# ParticleTracker¶

class plasmapy.simulation.particletracker.ParticleTracker(plasma, particle_type='p', n_particles=1, scaling=1, dt=<Quantity inf s>, nt=inf)

Bases: object

Object representing a species of particles: ions, electrons, or simply a group of particles with a particular initial velocity distribution.

Parameters: plasma (Plasma) – plasma from which fields can be pulled type (str) – particle type. See plasmapy.particles.atomic for suitable arguments. The default is a proton. n_particles (int) – number of macroparticles. The default is a single particle. scaling (float) – number of particles represented by each macroparticle. The default is 1, which means a 1:1 correspondence between particles and macroparticles. dt (astropy.units.Quantity) – length of timestep nt (int) – number of timesteps
x
v

Current position and velocity, respectively. Shape (n, 3).

position_history
velocity_history

History of position and velocity. Shape (nt, n, 3).

q
m

Charge and mass of particle.

eff_q
eff_m

Total charge and mass of macroparticle.

Examples

Attributes Summary

 kinetic_energy_history Calculates the kinetic energy history for each particle.

Methods Summary

 boris_push([init]) Implements the Boris algorithm for moving particles and updating their velocities. plot_time_trajectories([plot]) Draws position history versus time. plot_trajectories() Draws trajectory history. run() Runs a simulation instance. test_kinetic_energy() Test conservation of kinetic energy.

Attributes Documentation

kinetic_energy_history

Calculates the kinetic energy history for each particle.

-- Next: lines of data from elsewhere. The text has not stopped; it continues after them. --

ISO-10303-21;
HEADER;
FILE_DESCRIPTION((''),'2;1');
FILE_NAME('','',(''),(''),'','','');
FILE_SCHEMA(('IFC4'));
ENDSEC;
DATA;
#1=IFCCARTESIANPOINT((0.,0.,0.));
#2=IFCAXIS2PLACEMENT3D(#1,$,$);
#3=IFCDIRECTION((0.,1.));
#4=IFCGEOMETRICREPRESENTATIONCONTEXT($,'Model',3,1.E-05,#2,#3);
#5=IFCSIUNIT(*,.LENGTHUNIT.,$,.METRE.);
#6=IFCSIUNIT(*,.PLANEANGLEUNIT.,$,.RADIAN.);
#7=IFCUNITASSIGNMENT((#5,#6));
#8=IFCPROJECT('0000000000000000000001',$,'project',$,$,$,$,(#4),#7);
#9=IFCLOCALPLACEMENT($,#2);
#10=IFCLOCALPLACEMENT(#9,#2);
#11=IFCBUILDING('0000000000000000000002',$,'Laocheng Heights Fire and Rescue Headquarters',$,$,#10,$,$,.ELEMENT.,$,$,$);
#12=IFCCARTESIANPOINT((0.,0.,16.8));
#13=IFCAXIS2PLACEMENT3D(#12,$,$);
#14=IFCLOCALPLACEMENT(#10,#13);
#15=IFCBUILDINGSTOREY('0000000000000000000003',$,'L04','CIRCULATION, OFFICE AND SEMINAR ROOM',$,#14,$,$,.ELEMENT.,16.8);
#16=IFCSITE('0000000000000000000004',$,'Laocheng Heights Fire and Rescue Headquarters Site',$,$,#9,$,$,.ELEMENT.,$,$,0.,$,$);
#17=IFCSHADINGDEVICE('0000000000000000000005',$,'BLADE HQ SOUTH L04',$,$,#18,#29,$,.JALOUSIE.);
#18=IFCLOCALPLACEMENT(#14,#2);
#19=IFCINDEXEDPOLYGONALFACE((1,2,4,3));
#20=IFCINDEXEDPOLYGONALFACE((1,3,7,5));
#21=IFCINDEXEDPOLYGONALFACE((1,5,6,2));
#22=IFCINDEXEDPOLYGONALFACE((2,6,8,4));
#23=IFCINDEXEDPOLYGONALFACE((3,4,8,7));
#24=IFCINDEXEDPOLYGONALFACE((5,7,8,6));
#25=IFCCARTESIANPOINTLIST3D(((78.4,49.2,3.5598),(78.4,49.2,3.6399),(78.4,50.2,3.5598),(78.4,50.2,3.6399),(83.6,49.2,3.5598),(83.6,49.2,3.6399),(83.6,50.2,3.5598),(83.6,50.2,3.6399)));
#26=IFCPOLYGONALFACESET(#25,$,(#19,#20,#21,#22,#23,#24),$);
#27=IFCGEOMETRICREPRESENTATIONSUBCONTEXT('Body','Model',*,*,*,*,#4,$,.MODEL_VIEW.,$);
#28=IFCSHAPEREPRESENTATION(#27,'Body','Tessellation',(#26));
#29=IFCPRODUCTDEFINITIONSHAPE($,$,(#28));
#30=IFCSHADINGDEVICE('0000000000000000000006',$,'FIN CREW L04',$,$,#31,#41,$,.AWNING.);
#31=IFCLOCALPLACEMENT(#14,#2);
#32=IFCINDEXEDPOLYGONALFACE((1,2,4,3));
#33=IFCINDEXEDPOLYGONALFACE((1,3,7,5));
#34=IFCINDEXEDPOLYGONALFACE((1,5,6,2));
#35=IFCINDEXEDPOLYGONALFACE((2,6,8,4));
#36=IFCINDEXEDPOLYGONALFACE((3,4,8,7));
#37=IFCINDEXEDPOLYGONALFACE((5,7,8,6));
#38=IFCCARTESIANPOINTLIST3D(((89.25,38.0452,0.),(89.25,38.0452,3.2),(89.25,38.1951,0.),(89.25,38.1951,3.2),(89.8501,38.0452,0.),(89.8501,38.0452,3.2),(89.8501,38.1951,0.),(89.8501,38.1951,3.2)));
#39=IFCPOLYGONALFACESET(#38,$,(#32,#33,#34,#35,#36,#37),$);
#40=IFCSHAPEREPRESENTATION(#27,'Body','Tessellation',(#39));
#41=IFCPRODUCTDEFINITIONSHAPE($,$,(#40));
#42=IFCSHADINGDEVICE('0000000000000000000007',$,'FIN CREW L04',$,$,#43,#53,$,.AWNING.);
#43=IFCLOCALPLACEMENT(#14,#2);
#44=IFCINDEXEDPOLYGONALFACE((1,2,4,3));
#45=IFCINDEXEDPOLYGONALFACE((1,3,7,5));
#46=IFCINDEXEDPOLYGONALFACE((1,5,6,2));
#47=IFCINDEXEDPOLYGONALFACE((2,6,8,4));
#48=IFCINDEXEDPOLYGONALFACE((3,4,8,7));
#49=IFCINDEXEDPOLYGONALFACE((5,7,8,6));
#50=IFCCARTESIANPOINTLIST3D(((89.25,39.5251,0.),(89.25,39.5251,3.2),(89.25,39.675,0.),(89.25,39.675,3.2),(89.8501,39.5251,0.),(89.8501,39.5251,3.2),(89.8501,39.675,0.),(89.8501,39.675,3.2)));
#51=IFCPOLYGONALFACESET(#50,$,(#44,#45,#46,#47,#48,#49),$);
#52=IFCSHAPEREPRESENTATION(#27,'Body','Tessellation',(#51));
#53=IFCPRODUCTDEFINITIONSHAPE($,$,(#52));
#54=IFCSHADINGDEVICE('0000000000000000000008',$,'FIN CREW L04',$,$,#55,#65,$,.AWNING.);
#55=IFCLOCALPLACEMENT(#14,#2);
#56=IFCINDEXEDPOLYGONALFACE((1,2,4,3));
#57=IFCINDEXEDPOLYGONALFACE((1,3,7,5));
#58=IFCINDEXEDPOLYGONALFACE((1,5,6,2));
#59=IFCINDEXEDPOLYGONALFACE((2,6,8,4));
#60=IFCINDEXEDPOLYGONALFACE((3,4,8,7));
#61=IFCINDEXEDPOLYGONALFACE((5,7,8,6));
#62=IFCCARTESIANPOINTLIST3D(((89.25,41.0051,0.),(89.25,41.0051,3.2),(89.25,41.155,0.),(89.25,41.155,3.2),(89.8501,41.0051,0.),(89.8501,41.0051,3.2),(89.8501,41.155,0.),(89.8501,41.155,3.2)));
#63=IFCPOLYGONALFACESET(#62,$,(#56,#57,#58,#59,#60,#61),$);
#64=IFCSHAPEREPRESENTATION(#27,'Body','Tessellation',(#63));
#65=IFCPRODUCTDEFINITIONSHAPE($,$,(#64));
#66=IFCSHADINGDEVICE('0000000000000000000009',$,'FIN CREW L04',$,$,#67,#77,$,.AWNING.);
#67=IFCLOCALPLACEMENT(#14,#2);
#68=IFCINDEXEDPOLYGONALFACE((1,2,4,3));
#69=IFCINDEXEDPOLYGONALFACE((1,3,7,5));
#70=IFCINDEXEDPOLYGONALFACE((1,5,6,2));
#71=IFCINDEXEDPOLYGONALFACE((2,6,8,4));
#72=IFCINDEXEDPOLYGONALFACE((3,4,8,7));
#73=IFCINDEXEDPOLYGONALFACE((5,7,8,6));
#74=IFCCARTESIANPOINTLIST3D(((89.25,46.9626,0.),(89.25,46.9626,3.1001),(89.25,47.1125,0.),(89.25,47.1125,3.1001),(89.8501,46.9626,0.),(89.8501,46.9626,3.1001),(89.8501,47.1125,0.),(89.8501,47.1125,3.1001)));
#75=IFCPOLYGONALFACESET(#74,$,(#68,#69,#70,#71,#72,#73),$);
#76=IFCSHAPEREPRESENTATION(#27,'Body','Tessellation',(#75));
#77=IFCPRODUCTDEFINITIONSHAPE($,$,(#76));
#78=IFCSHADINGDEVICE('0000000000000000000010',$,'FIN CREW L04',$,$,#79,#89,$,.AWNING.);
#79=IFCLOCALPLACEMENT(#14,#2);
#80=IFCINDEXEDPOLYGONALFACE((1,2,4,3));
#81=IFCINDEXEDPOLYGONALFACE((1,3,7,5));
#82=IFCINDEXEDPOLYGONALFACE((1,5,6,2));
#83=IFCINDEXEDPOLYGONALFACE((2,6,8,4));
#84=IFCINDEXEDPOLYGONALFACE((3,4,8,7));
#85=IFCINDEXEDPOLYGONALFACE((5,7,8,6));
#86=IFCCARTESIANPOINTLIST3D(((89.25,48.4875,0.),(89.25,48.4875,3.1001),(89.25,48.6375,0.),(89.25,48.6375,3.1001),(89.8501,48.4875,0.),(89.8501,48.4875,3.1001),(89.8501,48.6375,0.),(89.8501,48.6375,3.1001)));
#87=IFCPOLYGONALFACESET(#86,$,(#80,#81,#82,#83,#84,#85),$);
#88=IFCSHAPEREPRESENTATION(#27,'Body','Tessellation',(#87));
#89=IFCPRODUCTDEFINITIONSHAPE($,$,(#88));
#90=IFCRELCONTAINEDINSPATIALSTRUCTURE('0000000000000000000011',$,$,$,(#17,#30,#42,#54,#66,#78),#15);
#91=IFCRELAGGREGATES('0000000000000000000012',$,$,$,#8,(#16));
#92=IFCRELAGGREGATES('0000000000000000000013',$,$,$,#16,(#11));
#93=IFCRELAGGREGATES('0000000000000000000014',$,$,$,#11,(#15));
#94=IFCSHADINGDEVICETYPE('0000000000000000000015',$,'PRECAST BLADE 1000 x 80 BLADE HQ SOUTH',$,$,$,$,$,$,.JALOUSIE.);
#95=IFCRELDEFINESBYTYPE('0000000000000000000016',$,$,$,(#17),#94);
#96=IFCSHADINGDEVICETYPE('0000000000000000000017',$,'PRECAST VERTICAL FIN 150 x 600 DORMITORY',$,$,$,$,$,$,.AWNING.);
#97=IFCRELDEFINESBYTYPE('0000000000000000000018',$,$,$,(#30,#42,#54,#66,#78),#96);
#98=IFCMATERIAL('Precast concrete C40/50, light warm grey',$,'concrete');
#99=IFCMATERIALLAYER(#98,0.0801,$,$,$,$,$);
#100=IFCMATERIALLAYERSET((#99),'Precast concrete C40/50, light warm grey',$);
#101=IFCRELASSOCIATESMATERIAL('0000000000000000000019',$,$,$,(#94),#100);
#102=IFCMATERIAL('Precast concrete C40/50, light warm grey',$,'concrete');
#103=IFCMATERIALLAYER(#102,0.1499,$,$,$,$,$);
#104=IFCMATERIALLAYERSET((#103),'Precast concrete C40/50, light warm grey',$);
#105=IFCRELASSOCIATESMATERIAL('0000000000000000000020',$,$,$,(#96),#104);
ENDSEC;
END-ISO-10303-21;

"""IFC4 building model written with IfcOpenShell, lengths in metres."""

from ifc_helpers import new_model, si_unit, direction, frame, origin, origin_2d, place, context, subcontext, project, spatial, rectangle, extrude, material, layer, layer_set, type_object, element, save


model = new_model("IFC4")

# Units and contexts
model_context = context("Model", 3, precision=1e-05, world=origin(), true_north=direction((0.0, 1.0)))
body_context = subcontext(model_context, "Body", "Model", "MODEL_VIEW")
ifc_project = project(units=[si_unit("LENGTHUNIT", "METRE"), si_unit("PLANEANGLEUNIT", "RADIAN")], contexts=[model_context])

# Site, building, storey
site_placement = place(None, origin())
site = spatial("IfcSite", under=ifc_project, at=site_placement, Name="Laocheng Heights Fire and Rescue Headquarters Site", CompositionType="ELEMENT", RefElevation=0.0)
building_placement = place(site_placement, origin())
building = spatial("IfcBuilding", under=site, at=building_placement, Name="Laocheng Heights Fire and Rescue Headquarters", CompositionType="ELEMENT")
storey_placement = place(building_placement, frame((0.0, 0.0, 16.8)))
storey = spatial("IfcBuildingStorey", under=building, at=storey_placement, Name="L04", Description="CIRCULATION, OFFICE AND SEMINAR ROOM", CompositionType="ELEMENT", Elevation=16.8)

# Shading devices
ifc_material_1 = material(Name="Precast concrete C40/50, light warm grey", Category="concrete")
ifc_layer_1 = layer(ifc_material_1, 0.0801)
ifc_layer_set_1 = layer_set([ifc_layer_1], Name="Precast concrete C40/50, light warm grey")
shading_device_type_1 = type_object("IfcShadingDeviceType", Name="PRECAST BLADE 1000 x 80 BLADE HQ SOUTH", PredefinedType="JALOUSIE", material=ifc_layer_set_1)
shading_device_placement = place(storey_placement, frame((81.0, 49.7, 3.5598), z_axis=(0.0, 0.0, 1.0), x_axis=(1.0, 0.0, 0.0)))
element("IfcShadingDevice", 1, at=shading_device_placement, inside=storey, type_object=shading_device_type_1, Name="BLADE HQ SOUTH L04", PredefinedType="JALOUSIE", context=body_context, shape_type="SweptSolid", body=[
    extrude(rectangle(XDim=5.2, YDim=1.0, at=origin_2d()), origin(), (0.0, 0.0, 1.0), 0.0801),
])
ifc_material_2 = material(Name="Precast concrete C40/50, light warm grey", Category="concrete")
ifc_layer_2 = layer(ifc_material_2, 0.1499)
ifc_layer_set_2 = layer_set([ifc_layer_2], Name="Precast concrete C40/50, light warm grey")
shading_device_type_2 = type_object("IfcShadingDeviceType", Name="PRECAST VERTICAL FIN 150 x 600 DORMITORY", PredefinedType="AWNING", material=ifc_layer_set_2)
for number, where, z_axis, x_axis, name in (
    (2, (89.55, 38.1201, 0.0), (0.0, 0.0, 1.0), (1.0, 0.0, 0.0), "FIN CREW L04"),
    (3, (89.55, 39.6001, 0.0), (0.0, 0.0, 1.0), (1.0, 0.0, 0.0), "FIN CREW L04"),
    (4, (89.55, 41.0801, 0.0), (0.0, 0.0, 1.0), (1.0, 0.0, 0.0), "FIN CREW L04"),
):
    element("IfcShadingDevice", number, at=place(storey_placement, frame(where, z_axis=z_axis, x_axis=x_axis)), inside=storey, type_object=shading_device_type_2, Name=name, PredefinedType="AWNING", context=body_context, shape_type="SweptSolid", body=[
        extrude(rectangle(XDim=0.6001, YDim=0.1499, at=origin_2d()), origin(), (0.0, 0.0, 1.0), 3.2),
    ])
for number, where, z_axis, x_axis, name in (
    (5, (89.55, 47.0376, 0.0), (0.0, 0.0, 1.0), (1.0, 0.0, 0.0), "FIN CREW L04"),
    (6, (89.55, 48.5625, 0.0), (0.0, 0.0, 1.0), (1.0, 0.0, 0.0), "FIN CREW L04"),
):
    element("IfcShadingDevice", number, at=place(storey_placement, frame(where, z_axis=z_axis, x_axis=x_axis)), inside=storey, type_object=shading_device_type_2, Name=name, PredefinedType="AWNING", context=body_context, shape_type="SweptSolid", body=[
        extrude(rectangle(XDim=0.6001, YDim=0.1499, at=origin_2d()), origin(), (0.0, 0.0, 1.0), 3.1001),
    ])

save(model, "model.ifc")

Returns: Array of kinetic energies, shape (nt, n). Quantity

Methods Documentation

boris_push(init=False)

Implements the Boris algorithm for moving particles and updating their velocities.

Parameters: init (bool (optional)) – If True, does not change the particle positions and sets dt to -dt/2.

Notes

The Boris algorithm is the standard energy conserving algorithm for particle movement in plasma physics. See [1] for more details.

Conceptually, the algorithm has three phases:

1. Add half the impulse from electric field.
2. Rotate the particle velocity about the direction of the magnetic field.
3. Add the second half of the impulse from the electric field.

This ends up causing the magnetic field action to be properly “centered” in time, and the algorithm conserves energy.

References

 [1] C. K. Birdsall, A. B. Langdon, “Plasma Physics via Computer Simulation”, 2004, p. 58-63
plot_time_trajectories(plot='xyz')

Draws position history versus time.

Parameters: plot (str (optional)) – Enable plotting of position component x, y, z for each of these letters included in plot.
plot_trajectories()

Draws trajectory history.

run()

Runs a simulation instance.

test_kinetic_energy()

Test conservation of kinetic energy.